The decision boundary of the logistic regression model is shown as a contour plot, which separates the feature space into two regions, one for each class label. The contour plot is drawn with a red-blue color map, where blue represents the region for class 0 (setosa), and red represents the region for class 1 (versicolor and virginica).
Conclusion
Logistic regression is a powerful and widely used statistical method for analyzing and predicting the outcome of a binary event. Scikit-learn is a popular Python library for machine learning that provides a range of supervised and unsupervised learning algorithms, including logistic regression.
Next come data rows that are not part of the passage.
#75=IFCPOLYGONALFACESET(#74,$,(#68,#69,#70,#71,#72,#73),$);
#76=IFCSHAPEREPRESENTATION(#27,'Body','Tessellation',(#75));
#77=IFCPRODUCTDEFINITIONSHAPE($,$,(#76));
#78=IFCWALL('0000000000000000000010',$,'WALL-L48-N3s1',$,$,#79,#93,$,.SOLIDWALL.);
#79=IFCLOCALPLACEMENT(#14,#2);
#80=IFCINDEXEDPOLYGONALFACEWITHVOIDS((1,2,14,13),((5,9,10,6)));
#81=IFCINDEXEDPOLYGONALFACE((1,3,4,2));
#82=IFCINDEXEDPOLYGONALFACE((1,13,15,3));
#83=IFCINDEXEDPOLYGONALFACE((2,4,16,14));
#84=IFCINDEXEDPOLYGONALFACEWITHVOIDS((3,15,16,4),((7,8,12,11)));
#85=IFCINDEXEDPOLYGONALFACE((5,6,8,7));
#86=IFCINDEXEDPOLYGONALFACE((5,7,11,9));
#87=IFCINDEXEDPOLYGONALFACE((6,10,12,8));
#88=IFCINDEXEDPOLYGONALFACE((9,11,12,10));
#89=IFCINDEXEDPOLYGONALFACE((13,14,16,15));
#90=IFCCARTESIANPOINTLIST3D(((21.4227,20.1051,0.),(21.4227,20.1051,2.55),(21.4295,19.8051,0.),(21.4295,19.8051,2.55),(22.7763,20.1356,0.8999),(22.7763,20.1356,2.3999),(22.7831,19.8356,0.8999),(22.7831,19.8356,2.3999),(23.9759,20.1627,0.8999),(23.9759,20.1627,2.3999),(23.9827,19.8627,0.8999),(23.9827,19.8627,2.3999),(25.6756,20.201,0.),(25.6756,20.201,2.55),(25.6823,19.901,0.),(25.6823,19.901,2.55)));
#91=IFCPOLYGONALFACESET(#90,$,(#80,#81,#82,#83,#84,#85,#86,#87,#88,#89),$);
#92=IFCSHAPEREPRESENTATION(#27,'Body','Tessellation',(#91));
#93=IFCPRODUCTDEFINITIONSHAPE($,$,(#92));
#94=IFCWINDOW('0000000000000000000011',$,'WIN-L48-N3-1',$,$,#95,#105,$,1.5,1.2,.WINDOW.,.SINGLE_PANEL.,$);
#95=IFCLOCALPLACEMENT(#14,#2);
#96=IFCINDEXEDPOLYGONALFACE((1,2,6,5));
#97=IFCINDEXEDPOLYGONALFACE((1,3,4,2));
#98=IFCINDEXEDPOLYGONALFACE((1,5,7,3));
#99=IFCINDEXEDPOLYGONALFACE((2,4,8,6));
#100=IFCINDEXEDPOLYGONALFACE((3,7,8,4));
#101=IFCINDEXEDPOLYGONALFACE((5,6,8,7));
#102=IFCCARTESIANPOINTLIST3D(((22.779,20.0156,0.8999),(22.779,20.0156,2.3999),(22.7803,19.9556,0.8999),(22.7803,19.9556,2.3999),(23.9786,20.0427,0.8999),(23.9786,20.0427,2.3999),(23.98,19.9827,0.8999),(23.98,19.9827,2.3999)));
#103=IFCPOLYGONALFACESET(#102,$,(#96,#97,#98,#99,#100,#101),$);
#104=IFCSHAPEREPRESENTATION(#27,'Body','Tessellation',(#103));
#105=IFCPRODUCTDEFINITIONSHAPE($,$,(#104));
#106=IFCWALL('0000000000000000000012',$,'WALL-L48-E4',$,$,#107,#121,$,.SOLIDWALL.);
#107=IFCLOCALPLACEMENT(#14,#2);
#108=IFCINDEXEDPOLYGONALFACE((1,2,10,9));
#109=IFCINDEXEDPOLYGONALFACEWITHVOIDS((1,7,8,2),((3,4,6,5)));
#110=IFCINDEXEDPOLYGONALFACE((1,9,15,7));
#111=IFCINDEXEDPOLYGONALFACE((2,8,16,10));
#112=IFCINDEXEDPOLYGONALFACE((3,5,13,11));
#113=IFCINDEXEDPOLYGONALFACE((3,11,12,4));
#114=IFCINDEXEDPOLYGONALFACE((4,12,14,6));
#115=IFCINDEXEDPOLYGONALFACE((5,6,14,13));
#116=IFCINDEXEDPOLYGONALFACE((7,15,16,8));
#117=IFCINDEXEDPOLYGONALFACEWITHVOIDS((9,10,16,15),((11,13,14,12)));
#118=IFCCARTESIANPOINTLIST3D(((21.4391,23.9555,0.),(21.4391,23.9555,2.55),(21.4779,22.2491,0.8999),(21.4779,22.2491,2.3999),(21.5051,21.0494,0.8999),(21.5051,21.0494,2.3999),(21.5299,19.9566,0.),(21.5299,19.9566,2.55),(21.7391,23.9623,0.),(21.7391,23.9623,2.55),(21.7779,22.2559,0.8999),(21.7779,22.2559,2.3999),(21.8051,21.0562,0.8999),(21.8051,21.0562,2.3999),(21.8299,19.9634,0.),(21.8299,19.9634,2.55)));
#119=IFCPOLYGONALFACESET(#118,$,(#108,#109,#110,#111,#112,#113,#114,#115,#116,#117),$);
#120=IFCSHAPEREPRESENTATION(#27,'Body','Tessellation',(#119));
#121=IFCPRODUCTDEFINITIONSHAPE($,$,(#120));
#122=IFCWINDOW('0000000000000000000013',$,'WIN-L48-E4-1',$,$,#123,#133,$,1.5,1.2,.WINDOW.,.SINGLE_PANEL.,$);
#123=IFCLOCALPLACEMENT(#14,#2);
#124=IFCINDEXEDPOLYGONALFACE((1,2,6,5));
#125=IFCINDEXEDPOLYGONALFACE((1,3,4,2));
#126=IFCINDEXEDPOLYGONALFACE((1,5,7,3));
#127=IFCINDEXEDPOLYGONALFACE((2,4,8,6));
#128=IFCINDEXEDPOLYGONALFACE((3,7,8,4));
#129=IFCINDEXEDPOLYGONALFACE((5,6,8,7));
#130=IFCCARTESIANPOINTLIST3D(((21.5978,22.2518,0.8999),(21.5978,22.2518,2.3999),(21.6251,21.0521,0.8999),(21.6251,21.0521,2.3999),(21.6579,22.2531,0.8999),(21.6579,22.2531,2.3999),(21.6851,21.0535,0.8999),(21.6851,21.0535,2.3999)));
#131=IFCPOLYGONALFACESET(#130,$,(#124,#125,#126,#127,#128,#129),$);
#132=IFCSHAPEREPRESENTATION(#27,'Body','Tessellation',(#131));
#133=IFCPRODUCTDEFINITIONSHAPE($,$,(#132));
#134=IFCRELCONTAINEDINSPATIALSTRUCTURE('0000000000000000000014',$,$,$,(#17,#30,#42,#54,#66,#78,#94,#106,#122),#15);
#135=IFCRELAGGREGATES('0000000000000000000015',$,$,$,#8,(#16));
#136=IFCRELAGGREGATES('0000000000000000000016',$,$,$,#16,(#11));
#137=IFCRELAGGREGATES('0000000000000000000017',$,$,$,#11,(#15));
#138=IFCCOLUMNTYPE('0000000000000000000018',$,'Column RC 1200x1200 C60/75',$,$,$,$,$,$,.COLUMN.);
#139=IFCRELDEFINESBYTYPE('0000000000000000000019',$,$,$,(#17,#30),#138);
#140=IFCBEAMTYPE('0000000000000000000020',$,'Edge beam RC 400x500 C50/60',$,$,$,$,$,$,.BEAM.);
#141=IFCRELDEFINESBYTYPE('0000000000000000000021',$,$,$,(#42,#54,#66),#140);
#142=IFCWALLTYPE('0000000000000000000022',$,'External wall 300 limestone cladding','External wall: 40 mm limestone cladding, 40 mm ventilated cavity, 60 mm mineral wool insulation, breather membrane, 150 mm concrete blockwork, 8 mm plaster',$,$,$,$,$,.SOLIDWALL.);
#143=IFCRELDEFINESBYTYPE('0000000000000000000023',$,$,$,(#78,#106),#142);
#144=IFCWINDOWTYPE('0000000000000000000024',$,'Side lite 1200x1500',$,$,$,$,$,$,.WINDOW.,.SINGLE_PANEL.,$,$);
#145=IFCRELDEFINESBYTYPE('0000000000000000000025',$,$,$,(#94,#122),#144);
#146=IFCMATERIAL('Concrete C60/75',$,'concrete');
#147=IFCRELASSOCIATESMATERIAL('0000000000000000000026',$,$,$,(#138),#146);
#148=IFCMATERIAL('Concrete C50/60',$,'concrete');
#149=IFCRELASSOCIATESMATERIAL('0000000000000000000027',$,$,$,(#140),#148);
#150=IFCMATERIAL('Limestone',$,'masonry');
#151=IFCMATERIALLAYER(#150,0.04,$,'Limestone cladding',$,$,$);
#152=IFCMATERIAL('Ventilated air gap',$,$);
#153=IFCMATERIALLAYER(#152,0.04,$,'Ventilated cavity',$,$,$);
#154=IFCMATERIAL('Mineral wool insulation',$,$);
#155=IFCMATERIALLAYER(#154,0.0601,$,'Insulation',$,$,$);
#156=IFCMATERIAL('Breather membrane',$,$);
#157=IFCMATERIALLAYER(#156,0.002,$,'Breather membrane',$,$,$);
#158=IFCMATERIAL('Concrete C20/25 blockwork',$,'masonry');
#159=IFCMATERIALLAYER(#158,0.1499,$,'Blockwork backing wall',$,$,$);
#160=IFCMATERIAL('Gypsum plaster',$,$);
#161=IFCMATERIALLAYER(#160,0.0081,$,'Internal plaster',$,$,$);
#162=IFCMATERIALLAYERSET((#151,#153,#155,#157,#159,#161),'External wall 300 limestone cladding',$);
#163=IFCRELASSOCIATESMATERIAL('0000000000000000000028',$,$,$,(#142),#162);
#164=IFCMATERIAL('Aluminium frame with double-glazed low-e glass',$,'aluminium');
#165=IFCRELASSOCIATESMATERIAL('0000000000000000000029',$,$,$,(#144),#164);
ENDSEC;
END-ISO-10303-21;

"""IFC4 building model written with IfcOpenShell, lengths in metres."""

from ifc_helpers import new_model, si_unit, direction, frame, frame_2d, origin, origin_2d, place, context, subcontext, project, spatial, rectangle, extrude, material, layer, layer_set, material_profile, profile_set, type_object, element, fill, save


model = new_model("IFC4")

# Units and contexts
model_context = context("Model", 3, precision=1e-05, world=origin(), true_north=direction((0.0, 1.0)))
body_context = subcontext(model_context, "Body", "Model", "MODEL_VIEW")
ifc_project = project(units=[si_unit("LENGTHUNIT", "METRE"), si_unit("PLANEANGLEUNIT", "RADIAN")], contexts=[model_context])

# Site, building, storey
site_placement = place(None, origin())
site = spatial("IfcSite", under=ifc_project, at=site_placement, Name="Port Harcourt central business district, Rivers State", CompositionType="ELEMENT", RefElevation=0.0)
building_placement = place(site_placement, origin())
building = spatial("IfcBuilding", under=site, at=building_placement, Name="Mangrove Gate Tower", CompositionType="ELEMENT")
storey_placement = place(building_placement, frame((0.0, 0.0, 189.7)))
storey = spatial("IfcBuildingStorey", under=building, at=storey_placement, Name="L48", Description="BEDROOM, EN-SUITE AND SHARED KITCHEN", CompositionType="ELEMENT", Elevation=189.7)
In this article, we have discussed how to perform logistic regression using scikit-learn, and we have used the iris dataset to illustrate the process. We have also shown how to evaluate the performance of the model and visualize the results using a scatter plot and a decision boundary.
If you are new to machine learning, logistic regression with scikit-learn is a great place to start. With a basic understanding of Python and some programming experience, you can easily get started with this powerful method and start exploring the world of machine learning.